How have all the factors above been brought together to estimate a fair value?
  • The analysts have a consensus price target of ₹740.0 for Supriya Lifescience based on their expectations of its future earnings growth, profit margins and other risk factors.
  • In order for you to agree with the analyst's consensus, you'd need to believe that by 2028, revenues will be ₹11.8 billion, earnings will come to ₹2.4 billion, and it would be trading on a PE ratio of 35.3x, assuming you use a discount rate of 12.5%.
  • Given the current share price of ₹743.9, the analyst price target of ₹740.0 is 0.5% lower. The relatively low difference between the current share price and the analyst consensus price target indicates that they believe on average, the company is fairly priced.
  • We always encourage you to reach your own conclusions though. So sense check these analyst numbers against your own assumptions and expectations based on your understanding of the business and what you believe is probable.
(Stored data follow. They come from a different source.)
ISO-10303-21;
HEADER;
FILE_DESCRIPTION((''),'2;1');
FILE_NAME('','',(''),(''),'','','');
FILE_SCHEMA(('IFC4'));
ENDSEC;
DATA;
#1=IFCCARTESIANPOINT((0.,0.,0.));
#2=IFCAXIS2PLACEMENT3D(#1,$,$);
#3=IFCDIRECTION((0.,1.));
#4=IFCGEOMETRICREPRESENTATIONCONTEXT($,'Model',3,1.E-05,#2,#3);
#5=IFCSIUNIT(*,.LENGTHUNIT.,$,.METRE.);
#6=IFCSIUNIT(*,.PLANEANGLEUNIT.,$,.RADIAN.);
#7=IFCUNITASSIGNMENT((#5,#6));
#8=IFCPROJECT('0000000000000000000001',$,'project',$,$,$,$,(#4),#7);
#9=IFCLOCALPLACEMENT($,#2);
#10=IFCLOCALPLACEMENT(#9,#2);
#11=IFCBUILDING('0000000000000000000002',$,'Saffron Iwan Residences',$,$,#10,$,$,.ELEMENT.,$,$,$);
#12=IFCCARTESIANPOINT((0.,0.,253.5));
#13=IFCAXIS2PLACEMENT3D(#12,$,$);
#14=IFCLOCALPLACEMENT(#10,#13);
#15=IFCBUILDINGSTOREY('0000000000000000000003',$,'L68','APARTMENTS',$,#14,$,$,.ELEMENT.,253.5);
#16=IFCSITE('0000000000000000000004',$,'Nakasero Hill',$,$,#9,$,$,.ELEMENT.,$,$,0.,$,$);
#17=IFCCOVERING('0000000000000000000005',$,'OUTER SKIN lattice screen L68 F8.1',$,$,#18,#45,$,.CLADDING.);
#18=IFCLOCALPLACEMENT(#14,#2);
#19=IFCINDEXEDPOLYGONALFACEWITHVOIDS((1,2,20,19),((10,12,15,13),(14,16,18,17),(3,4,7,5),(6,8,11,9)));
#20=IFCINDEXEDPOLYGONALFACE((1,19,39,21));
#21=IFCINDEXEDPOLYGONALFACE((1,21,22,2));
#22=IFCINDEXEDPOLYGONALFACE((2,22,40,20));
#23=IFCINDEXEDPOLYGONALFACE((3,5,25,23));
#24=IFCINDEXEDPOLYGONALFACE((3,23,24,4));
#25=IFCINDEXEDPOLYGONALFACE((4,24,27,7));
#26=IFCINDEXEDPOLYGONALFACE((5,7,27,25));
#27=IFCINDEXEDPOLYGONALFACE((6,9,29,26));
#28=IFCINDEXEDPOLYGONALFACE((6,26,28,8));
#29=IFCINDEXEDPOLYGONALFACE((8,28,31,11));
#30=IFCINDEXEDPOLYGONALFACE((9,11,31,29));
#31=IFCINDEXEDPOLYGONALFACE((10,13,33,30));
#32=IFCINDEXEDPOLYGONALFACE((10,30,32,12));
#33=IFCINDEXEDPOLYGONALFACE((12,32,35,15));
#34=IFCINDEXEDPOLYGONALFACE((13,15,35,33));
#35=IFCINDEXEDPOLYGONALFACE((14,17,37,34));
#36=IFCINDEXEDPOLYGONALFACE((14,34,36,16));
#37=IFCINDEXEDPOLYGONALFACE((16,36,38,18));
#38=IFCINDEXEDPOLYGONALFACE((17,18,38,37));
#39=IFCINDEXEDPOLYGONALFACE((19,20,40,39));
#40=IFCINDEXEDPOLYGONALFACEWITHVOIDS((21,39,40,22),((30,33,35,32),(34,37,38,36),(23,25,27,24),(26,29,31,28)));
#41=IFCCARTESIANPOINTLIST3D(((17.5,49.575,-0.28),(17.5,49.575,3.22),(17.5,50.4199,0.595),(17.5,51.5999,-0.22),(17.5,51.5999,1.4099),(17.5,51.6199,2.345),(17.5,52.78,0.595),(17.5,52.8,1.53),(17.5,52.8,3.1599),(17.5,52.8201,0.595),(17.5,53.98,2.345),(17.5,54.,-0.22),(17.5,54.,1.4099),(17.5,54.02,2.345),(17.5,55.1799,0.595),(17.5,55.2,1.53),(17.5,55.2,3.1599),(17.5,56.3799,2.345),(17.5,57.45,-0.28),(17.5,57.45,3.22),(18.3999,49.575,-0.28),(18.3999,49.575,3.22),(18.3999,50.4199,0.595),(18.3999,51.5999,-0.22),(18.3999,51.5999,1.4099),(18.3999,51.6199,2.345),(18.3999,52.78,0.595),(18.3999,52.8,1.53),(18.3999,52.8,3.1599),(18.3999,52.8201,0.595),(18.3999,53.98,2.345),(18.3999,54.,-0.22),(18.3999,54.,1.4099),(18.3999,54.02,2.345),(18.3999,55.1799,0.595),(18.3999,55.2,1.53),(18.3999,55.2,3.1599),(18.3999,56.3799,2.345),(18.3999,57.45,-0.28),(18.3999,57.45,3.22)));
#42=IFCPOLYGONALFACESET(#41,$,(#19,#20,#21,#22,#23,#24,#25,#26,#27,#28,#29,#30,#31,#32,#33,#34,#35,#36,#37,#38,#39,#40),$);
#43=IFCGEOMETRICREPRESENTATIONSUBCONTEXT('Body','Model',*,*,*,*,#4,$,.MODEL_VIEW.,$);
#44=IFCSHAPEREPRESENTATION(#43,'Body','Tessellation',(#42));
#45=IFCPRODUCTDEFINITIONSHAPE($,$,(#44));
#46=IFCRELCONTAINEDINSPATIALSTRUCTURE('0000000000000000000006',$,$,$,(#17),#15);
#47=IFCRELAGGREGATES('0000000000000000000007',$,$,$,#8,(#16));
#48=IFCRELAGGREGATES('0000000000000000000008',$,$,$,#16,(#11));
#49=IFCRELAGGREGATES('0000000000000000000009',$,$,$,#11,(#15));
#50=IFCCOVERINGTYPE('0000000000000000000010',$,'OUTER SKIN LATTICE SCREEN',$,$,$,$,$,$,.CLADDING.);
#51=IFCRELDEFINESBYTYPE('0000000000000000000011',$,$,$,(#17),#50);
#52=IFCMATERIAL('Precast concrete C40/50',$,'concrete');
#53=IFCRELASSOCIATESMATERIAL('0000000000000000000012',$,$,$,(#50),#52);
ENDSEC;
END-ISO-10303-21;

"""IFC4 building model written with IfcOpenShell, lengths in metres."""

from ifc_helpers import new_model, si_unit, direction, frame, origin, place, context, subcontext, project, spatial, polyline, outline, extrude, material, type_object, element, save


model = new_model("IFC4")

# Units and contexts
model_context = context("Model", 3, precision=1e-05, world=origin(), true_north=direction((0.0, 1.0)))
body_context = subcontext(model_context, "Body", "Model", "MODEL_VIEW")
ifc_project = project(units=[si_unit("LENGTHUNIT", "METRE"), si_unit("PLANEANGLEUNIT", "RADIAN")], contexts=[model_context])

# Site, building, storey
site_placement = place(None, origin())
site = spatial("IfcSite", under=ifc_project, at=site_placement, Name="Nakasero Hill", CompositionType="ELEMENT", RefElevation=0.0)
building_placement = place(site_placement, origin())
building = spatial("IfcBuilding", under=site, at=building_placement, Name="Saffron Iwan Residences", CompositionType="ELEMENT")
storey_placement = place(building_placement, frame((0.0, 0.0, 253.5)))
storey = spatial("IfcBuildingStorey", under=building, at=storey_placement, Name="L68", Description="APARTMENTS", CompositionType="ELEMENT", Elevation=253.5)

# Covering
ifc_material_1 = material(Name="Precast concrete C40/50", Category="concrete")
covering_type = type_object("IfcCoveringType", Name="OUTER SKIN LATTICE SCREEN", PredefinedType="CLADDING", material=ifc_material_1)
covering_placement = place(storey_placement, frame((18.3999, 57.45, -0.28), z_axis=(-1.0, 0.0, 0.0), x_axis=(0.0, -1.0, 0.0)))
element("IfcCovering", 1, at=covering_placement, inside=storey, type_object=covering_type, Name="OUTER SKIN lattice screen L68 F8.1", PredefinedType="CLADDING", context=body_context, shape_type="SweptSolid", body=[
    extrude(outline(polyline([(0.0, 0.0), (7.875, 0.0), (7.875, 3.5), (0.0, 3.5), (0.0, 0.0)]), holes=[polyline([(2.27, 0.875), (3.45, 0.0601), (4.6299, 0.875), (3.45, 1.6899), (2.27, 0.875)]), polyline([(4.6699, 0.875), (5.8501, 0.0601), (7.03, 0.875), (5.8501, 1.6899), (4.6699, 0.875)]), polyline([(1.0701, 2.625), (2.25, 1.8101), (3.4299, 2.625), (2.25, 3.4399), (1.0701, 2.625)]), polyline([(3.47, 2.625), (4.6499, 1.8101), (5.8301, 2.625), (4.6499, 3.4399), (3.47, 2.625)])]), origin(), (0.0, 0.0, 1.0), 0.8999),
])

save(model, "model.ifc")
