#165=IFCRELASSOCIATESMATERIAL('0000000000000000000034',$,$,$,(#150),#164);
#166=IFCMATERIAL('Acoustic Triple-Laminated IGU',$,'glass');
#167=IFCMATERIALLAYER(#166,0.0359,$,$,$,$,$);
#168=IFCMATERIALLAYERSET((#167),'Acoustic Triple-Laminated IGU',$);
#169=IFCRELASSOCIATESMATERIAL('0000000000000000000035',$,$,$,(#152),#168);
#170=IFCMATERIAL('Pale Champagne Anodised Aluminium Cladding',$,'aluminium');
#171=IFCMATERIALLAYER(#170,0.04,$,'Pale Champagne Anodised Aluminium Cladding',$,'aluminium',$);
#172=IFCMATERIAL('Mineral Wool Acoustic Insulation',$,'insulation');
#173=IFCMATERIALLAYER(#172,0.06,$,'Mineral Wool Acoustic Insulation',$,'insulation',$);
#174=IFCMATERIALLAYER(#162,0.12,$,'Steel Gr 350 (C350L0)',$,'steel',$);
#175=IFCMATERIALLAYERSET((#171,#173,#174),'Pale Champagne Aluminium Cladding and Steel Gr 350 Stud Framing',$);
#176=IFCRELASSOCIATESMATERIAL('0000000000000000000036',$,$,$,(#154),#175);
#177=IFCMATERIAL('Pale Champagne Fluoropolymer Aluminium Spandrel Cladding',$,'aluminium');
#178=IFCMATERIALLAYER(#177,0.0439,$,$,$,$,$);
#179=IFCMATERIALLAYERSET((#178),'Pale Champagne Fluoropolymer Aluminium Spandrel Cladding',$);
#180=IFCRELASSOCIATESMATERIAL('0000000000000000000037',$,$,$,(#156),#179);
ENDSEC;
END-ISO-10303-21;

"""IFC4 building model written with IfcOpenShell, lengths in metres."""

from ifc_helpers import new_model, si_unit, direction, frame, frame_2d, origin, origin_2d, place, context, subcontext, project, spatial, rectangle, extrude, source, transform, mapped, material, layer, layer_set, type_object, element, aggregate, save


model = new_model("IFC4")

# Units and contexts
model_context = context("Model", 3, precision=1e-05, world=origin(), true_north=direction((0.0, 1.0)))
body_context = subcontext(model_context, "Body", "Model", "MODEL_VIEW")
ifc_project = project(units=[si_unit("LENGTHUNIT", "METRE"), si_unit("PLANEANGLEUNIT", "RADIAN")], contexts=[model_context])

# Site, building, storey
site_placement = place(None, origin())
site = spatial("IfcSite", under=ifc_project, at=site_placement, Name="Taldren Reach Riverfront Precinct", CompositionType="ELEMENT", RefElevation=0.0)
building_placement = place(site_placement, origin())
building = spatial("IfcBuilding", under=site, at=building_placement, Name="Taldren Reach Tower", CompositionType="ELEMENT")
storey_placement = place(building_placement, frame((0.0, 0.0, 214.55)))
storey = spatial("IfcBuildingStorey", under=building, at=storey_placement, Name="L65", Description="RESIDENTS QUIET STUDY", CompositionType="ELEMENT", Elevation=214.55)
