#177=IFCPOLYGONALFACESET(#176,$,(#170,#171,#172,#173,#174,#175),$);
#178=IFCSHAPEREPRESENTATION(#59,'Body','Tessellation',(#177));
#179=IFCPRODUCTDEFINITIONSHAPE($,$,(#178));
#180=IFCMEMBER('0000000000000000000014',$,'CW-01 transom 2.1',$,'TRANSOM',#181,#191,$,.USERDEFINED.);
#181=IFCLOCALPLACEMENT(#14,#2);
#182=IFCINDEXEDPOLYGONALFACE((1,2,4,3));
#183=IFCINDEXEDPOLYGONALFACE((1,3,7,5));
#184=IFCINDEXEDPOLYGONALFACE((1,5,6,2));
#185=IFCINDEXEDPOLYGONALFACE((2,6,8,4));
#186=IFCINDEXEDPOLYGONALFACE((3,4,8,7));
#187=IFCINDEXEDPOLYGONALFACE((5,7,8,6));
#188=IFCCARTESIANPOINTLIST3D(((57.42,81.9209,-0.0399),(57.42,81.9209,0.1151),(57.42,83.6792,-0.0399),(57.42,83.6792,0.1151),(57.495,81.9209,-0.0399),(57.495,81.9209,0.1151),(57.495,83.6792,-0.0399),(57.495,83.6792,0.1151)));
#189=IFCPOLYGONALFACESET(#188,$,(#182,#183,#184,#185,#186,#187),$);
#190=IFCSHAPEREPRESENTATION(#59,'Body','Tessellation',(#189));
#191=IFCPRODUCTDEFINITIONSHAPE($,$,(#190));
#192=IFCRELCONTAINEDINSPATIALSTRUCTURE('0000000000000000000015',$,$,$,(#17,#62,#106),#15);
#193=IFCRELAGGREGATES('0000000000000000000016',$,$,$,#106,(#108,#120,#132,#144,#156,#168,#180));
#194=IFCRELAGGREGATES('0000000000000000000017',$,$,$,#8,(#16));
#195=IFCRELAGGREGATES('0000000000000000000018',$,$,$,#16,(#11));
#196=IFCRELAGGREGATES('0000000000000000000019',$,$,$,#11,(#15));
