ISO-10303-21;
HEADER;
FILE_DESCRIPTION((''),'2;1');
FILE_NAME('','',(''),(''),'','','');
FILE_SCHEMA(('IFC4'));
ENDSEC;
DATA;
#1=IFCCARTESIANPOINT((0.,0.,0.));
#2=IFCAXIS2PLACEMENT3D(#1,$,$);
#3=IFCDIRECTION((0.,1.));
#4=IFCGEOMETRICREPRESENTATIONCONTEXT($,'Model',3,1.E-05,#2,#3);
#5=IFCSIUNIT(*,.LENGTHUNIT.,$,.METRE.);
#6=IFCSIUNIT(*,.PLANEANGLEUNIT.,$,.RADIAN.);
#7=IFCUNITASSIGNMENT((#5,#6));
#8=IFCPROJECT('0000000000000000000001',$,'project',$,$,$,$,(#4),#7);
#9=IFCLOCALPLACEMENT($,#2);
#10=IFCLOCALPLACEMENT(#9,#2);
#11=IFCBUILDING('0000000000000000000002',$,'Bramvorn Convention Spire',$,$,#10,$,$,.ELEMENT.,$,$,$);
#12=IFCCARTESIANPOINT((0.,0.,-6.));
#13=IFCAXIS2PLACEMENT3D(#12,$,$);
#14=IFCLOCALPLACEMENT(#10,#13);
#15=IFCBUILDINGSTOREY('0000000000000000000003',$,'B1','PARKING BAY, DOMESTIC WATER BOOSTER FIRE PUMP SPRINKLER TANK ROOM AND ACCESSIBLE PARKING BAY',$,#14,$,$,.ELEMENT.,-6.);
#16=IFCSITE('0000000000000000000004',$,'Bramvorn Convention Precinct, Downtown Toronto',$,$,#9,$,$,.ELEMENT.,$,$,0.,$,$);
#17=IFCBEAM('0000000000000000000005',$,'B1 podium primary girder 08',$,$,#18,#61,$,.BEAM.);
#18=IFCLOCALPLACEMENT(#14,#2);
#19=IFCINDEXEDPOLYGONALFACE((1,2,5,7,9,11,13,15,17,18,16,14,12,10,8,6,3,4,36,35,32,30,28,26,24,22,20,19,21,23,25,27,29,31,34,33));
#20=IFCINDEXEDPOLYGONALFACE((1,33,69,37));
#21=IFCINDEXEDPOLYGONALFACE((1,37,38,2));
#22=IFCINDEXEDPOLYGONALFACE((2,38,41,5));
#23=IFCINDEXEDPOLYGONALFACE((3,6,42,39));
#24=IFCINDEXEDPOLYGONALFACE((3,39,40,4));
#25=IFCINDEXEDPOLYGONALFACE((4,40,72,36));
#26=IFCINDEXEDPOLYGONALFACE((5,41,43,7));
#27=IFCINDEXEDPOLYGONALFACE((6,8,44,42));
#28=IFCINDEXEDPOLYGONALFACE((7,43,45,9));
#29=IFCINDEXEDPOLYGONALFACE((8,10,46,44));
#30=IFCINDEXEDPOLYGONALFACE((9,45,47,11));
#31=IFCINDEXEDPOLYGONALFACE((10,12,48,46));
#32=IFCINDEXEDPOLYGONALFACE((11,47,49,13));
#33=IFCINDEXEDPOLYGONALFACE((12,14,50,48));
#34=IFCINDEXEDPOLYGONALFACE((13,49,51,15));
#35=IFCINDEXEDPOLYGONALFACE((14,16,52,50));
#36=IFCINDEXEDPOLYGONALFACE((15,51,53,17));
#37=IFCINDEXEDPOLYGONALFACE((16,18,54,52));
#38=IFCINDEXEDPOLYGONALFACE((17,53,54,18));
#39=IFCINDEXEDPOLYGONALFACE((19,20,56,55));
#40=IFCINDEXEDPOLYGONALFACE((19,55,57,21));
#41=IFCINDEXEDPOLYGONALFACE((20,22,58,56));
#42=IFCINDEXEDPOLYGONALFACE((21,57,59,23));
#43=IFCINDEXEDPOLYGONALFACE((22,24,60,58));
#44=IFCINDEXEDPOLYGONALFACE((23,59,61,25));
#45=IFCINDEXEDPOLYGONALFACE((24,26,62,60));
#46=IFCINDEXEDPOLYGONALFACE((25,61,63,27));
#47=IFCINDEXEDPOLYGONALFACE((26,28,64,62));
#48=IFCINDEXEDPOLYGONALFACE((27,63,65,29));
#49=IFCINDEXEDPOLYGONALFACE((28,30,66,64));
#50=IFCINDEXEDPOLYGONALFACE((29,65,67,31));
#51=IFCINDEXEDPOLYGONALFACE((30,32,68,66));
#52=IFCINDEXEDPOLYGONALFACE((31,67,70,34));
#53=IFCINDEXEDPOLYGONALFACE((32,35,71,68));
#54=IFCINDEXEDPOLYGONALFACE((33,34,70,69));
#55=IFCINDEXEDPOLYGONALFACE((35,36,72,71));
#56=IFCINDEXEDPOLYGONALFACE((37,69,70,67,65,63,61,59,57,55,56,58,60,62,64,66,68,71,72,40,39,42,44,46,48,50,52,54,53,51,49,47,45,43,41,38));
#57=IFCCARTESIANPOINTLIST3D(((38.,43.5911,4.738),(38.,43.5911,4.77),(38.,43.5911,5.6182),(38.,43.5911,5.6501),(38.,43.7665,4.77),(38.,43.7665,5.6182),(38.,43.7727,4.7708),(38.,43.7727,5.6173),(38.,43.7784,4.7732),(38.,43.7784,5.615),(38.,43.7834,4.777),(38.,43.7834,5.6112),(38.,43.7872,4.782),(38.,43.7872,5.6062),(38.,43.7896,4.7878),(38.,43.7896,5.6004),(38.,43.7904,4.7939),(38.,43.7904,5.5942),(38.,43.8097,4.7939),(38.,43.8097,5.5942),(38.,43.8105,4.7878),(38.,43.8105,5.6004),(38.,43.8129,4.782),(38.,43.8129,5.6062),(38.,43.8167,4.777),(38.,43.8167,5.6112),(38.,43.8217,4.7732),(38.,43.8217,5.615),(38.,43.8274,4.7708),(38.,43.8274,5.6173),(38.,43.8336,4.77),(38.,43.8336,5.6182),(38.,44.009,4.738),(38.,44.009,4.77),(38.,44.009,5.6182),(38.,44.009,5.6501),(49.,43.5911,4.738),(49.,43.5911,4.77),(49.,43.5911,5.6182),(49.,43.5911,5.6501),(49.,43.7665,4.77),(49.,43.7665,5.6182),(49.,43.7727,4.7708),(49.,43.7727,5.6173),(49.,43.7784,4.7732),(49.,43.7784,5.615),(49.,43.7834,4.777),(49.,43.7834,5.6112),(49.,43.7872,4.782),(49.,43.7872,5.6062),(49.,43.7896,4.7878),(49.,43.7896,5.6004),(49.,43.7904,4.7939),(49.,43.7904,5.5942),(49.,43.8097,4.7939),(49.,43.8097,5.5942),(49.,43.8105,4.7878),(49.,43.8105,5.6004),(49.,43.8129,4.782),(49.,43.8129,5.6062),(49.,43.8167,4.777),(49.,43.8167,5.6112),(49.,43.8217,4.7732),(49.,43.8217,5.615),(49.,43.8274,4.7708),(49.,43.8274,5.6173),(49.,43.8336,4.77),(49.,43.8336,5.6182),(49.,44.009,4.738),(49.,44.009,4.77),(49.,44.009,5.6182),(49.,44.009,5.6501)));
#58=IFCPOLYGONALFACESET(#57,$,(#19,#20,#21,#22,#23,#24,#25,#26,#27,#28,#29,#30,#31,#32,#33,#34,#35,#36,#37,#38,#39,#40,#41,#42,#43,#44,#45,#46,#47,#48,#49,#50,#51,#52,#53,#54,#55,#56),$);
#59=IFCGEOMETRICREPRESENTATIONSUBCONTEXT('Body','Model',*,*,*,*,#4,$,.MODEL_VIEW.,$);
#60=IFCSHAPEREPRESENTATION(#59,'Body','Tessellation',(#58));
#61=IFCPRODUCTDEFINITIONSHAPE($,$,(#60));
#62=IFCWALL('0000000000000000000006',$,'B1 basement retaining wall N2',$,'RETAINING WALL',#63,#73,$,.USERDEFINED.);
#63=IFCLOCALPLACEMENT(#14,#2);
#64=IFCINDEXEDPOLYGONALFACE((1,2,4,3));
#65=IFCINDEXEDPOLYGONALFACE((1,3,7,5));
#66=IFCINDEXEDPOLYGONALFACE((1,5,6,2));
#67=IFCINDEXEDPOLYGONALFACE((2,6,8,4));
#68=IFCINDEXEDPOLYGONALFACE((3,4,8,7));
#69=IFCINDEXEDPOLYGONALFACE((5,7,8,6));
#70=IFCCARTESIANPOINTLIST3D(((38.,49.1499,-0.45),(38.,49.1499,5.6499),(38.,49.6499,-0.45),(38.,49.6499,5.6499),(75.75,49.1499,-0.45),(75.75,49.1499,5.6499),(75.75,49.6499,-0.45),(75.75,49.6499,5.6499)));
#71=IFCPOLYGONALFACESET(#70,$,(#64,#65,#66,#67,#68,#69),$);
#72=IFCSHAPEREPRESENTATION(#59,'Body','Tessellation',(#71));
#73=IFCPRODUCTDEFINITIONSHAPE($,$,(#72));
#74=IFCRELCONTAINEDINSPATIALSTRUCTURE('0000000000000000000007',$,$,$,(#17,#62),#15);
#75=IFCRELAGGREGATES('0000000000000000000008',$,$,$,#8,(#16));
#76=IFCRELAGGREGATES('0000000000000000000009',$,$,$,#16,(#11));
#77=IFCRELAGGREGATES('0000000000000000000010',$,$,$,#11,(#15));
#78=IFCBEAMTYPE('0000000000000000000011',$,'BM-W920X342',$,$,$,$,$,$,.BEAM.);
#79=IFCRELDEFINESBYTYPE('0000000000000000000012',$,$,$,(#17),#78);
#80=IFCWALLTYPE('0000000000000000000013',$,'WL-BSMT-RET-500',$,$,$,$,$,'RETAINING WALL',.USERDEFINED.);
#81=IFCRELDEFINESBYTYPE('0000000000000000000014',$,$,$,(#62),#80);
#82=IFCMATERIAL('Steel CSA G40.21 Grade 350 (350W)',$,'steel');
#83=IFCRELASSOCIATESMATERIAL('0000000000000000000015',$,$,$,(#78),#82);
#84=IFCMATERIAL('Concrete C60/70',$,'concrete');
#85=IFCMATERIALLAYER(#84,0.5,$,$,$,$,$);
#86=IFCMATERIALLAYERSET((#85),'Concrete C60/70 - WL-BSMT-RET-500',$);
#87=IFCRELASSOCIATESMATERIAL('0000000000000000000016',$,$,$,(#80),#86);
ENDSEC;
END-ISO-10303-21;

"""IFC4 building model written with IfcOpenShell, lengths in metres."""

from ifc_helpers import new_model, si_unit, direction, frame, frame_2d, origin, origin_2d, place, context, subcontext, project, spatial, rectangle, i_section, extrude, material, layer, layer_set, material_profile, profile_set, type_object, element, save


model = new_model("IFC4")

# Units and contexts
model_context = context("Model", 3, precision=1e-05, world=origin(), true_north=direction((0.0, 1.0)))
body_context = subcontext(model_context, "Body", "Model", "MODEL_VIEW")
ifc_project = project(units=[si_unit("LENGTHUNIT", "METRE"), si_unit("PLANEANGLEUNIT", "RADIAN")], contexts=[model_context])

# Site, building, storey
site_placement = place(None, origin())
site = spatial("IfcSite", under=ifc_project, at=site_placement, Name="Bramvorn Convention Precinct, Downtown Toronto", CompositionType="ELEMENT", RefElevation=0.0)
building_placement = place(site_placement, origin())
building = spatial("IfcBuilding", under=site, at=building_placement, Name="Bramvorn Convention Spire", CompositionType="ELEMENT")
storey_placement = place(building_placement, frame((0.0, 0.0, -6.0)))
storey = spatial("IfcBuildingStorey", under=building, at=storey_placement, Name="B1", Description="PARKING BAY, DOMESTIC WATER BOOSTER FIRE PUMP SPRINKLER TANK ROOM AND ACCESSIBLE PARKING BAY", CompositionType="ELEMENT", Elevation=-6.0)

# Shared definitions
ifc_material_1 = material(Name="Concrete C60/70", Category="concrete")

# Shared definitions
ifc_material_2 = material(Name="Steel CSA G40.21 Grade 350 (350W)", Category="steel")

# Beam
ifc_material_profile_1 = material_profile(ifc_material_2, i_section(OverallWidth=0.418, OverallDepth=0.9121, WebThickness=0.0193, FlangeThickness=0.032, FilletRadius=0.0239, at=origin_2d()))
ifc_profile_set_1 = profile_set([ifc_material_profile_1], Name="Steel CSA G40.21 Grade 350 (350W) - W920X342")
beam_type_1 = type_object("IfcBeamType", Name="BM-W920X342", PredefinedType="BEAM", material=ifc_profile_set_1)
beam_1_placement = place(storey_placement, frame((38.0, 43.8, 5.1941), z_axis=(1.0, 0.0, 0.0), x_axis=(0.0, 1.0, 0.0)))
element("IfcBeam", 1, at=beam_1_placement, inside=storey, type_object=beam_type_1, Name="B1 podium primary girder 08", PredefinedType="BEAM", context=body_context, shape_type="SweptSolid", body=[
    extrude(i_section(OverallWidth=0.418, OverallDepth=0.9121, WebThickness=0.0193, FlangeThickness=0.032, FilletRadius=0.0239, at=origin_2d()), origin(), (0.0, 0.0, 1.0), 11.0),
])

# Wall
ifc_layer_1 = layer(ifc_material_1, 0.5)
ifc_layer_set_1 = layer_set([ifc_layer_1], Name="Concrete C60/70 - WL-BSMT-RET-500")
wall_type = type_object("IfcWallType", Name="WL-BSMT-RET-500", ElementType="RETAINING WALL", PredefinedType="USERDEFINED", material=ifc_layer_set_1)
wall_placement = place(storey_placement, frame((38.0, 49.3999, -0.45), z_axis=(0.0, 0.0, 1.0), x_axis=(1.0, 0.0, 0.0)))
element("IfcWall", 2, at=wall_placement, inside=storey, type_object=wall_type, Name="B1 basement retaining wall N2", ObjectType="RETAINING WALL", PredefinedType="USERDEFINED", context=body_context, shape_type="SweptSolid", body=[
    extrude(rectangle(XDim=37.75, YDim=0.5, at=frame_2d((18.875, 0.0))), origin(), (0.0, 0.0, 1.0), 6.0999),
])

save(model, "model.ifc")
How well do narratives help inform your perspective?

Disclaimer

Warren A.I. is a tool utilizing a Large Language Model (LLM) that ingests data on consensus price targets, forecasted revenue and earnings figures, as well as the transcripts of earnings calls to produce qualitative analysis. The narratives produced by Warren A.I. are general in nature and are based solely on analyst data and publicly-available material published by the respective companies. These scenarios are not indicative of the company's future performance and are exploratory in nature. Simply Wall St has no position in the company(s) mentioned. Simply Wall St may provide the securities issuer or related entities with website advertising services for a fee, on an arm's length basis. These relationships have no impact on the way we conduct our business, the content we host, or how our content is served to users. The price targets and estimates used are consensus data, and do not constitute a recommendation to buy or sell any stock, and they do not take account of your objectives, or your financial situation. Note that Warren A.I.'s analysis may not factor in the latest price-sensitive company announcements or qualitative material.